An intake at Monterey County Jail can take anywhere from an hour to eight hours, according to a report by the Monterey County Civil Grand Jury released on May 7. On busy days, the queue of vehicles holding inmates waiting to be booked can be down the street, according to the report.
Booking is a multi-step process, including photographing and fingerprinting the individual and conducting a medical screening. In addition, inmates must be processed twice, first by the police agency then at the jail, since data entry systems don’t communicate with each other, according to the report.
“We all really have to make sure we’re doing everything absolutely correctly, otherwise we know we’re going to get sued, so it tends to slow the whole process down,” King City Police Chief Robert Masterson says.
Doing it slowly also has impacts, the grand jury found. “This can affect emergency response and routine public safety coverage, as well as increase overtime costs. Extended wait times also affect arrestees, who remain in vehicles or holding areas until booking is completed,” the report states.
Long waits reduce officer availability for patrolling the streets while they wait in line.
Police chiefs in South County cities say booking can keep an officer away for hours at a time. To make the process faster, King City and Greenfield police regularly take arrestees to Mee Memorial Hospital for medical screening and clearance.
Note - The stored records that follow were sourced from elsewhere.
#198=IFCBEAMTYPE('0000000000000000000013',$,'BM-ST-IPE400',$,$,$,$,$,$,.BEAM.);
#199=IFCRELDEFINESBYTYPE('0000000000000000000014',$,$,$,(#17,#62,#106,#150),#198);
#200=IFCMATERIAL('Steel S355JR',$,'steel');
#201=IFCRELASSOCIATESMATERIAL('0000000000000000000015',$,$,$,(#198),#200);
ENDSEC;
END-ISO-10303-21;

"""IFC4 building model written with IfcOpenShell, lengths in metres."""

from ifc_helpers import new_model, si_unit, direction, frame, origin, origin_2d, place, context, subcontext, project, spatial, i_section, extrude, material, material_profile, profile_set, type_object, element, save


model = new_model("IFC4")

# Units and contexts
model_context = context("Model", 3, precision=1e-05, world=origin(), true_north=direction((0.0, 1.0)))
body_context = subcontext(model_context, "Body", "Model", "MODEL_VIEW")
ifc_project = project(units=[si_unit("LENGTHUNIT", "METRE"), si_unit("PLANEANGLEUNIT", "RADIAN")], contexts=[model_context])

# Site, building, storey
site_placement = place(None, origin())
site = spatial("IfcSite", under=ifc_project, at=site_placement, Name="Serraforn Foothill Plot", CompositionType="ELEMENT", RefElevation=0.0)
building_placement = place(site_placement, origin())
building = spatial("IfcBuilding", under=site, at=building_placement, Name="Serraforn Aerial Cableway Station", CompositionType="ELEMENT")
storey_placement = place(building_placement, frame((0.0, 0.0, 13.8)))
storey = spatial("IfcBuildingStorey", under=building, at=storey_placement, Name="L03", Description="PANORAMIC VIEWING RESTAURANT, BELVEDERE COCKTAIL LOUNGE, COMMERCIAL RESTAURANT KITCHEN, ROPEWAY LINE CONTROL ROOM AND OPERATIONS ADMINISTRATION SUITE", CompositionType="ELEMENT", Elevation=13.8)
In Greenfield, 5 to 10 percent of the police department’s overtime budget is spent on booking arrestees.
“I’ve had reports from my officers that say they spent up to six hours in the jail,” Masterson says. KCPD’s average staffing is two to three people per shift; taking a suspect to Salinas means the agency will be one officer down for at least half a shift.
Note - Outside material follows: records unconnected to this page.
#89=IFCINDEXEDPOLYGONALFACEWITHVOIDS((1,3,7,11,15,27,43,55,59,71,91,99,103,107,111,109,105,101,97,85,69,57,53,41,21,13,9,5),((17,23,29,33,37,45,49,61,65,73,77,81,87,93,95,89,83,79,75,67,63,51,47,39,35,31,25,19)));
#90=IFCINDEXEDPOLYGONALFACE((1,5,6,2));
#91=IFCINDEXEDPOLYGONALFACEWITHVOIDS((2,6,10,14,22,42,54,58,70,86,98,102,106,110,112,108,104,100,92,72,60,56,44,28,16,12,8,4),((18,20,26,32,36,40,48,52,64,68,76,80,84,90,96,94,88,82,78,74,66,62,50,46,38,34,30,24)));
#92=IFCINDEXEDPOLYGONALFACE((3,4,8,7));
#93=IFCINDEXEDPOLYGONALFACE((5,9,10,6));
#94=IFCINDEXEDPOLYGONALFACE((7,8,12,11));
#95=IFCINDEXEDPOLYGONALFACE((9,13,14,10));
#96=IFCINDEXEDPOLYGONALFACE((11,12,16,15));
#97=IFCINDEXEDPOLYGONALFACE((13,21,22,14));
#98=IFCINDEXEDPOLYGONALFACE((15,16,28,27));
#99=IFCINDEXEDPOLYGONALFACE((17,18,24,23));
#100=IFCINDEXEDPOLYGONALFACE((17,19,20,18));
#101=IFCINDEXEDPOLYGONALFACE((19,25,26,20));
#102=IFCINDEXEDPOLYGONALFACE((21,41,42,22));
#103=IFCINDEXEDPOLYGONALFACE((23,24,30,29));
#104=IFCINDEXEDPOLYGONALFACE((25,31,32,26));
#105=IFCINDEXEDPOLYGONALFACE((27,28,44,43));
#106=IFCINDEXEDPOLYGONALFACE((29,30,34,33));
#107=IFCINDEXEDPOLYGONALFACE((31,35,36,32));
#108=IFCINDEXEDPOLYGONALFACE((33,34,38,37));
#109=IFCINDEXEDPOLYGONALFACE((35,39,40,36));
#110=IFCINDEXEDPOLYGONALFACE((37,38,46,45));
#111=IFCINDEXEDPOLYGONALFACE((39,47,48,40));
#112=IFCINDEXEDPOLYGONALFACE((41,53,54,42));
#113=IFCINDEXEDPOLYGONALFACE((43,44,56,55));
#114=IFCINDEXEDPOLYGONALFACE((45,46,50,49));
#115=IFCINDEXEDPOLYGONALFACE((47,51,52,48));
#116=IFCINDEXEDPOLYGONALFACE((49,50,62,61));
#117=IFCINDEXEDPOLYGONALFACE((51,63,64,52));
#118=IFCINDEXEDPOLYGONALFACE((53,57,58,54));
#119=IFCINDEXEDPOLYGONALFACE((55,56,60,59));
Masterson is sympathetic to the Monterey County Sheriff’s Office in working to comply with its obligations, including those required by a class-action settlement agreement concerning health care at the jail.
“There’s a lot of liability for the Sheriff’s Department in receiving inmates, and they want to make sure they’re doing it right,” Masterson says, noting the process has changed a lot since the time he started working 40 years ago.
Soledad Police Chief Patrick Valenzuela has been on the job for under a year, after working in a more populated area in Maricopa County in Arizona. “My officers there got to the process a lot quicker than they do here,” Valenzuela says. In Arizona, he says, officers from the Sheriff’s Department might meet halfway to pick up arrestees.
Fourteen law enforcement agencies, including California Highway Patrol, book suspects at Monterey County Jail, and they have to transport them to Salinas where the jail is located.
In January, the jail switched its health care provider from Wellpath to Correctional Healthcare Partners, which has increased staffing. Since then, the booking process has two nurses instead of one on staff during daytime and has increased its intake stations to accelerate the process.
“The booking times are getting better,” says Greenfield Police Chief Guillermo Mixer, noting the queue has dropped from eight hours to the three-to-five-hour range. “I haven’t had an eight-hour wait in a few months.”
The civil grand jury recommended developing a guide on standard booking procedure and a comparative analysis between the current and former health care providers, as well as streamlining data collection among law enforcement agencies (or an analysis of why this is infeasible).
Mixer says several police departments and the sheriff have already talked about a streamlined data system. “It would make everybody’s job so much easier, because we can input all the information here at once,” he says.
The Sheriff’s Office is reviewing the report and declined to be interviewed, but will produce a written response to the report.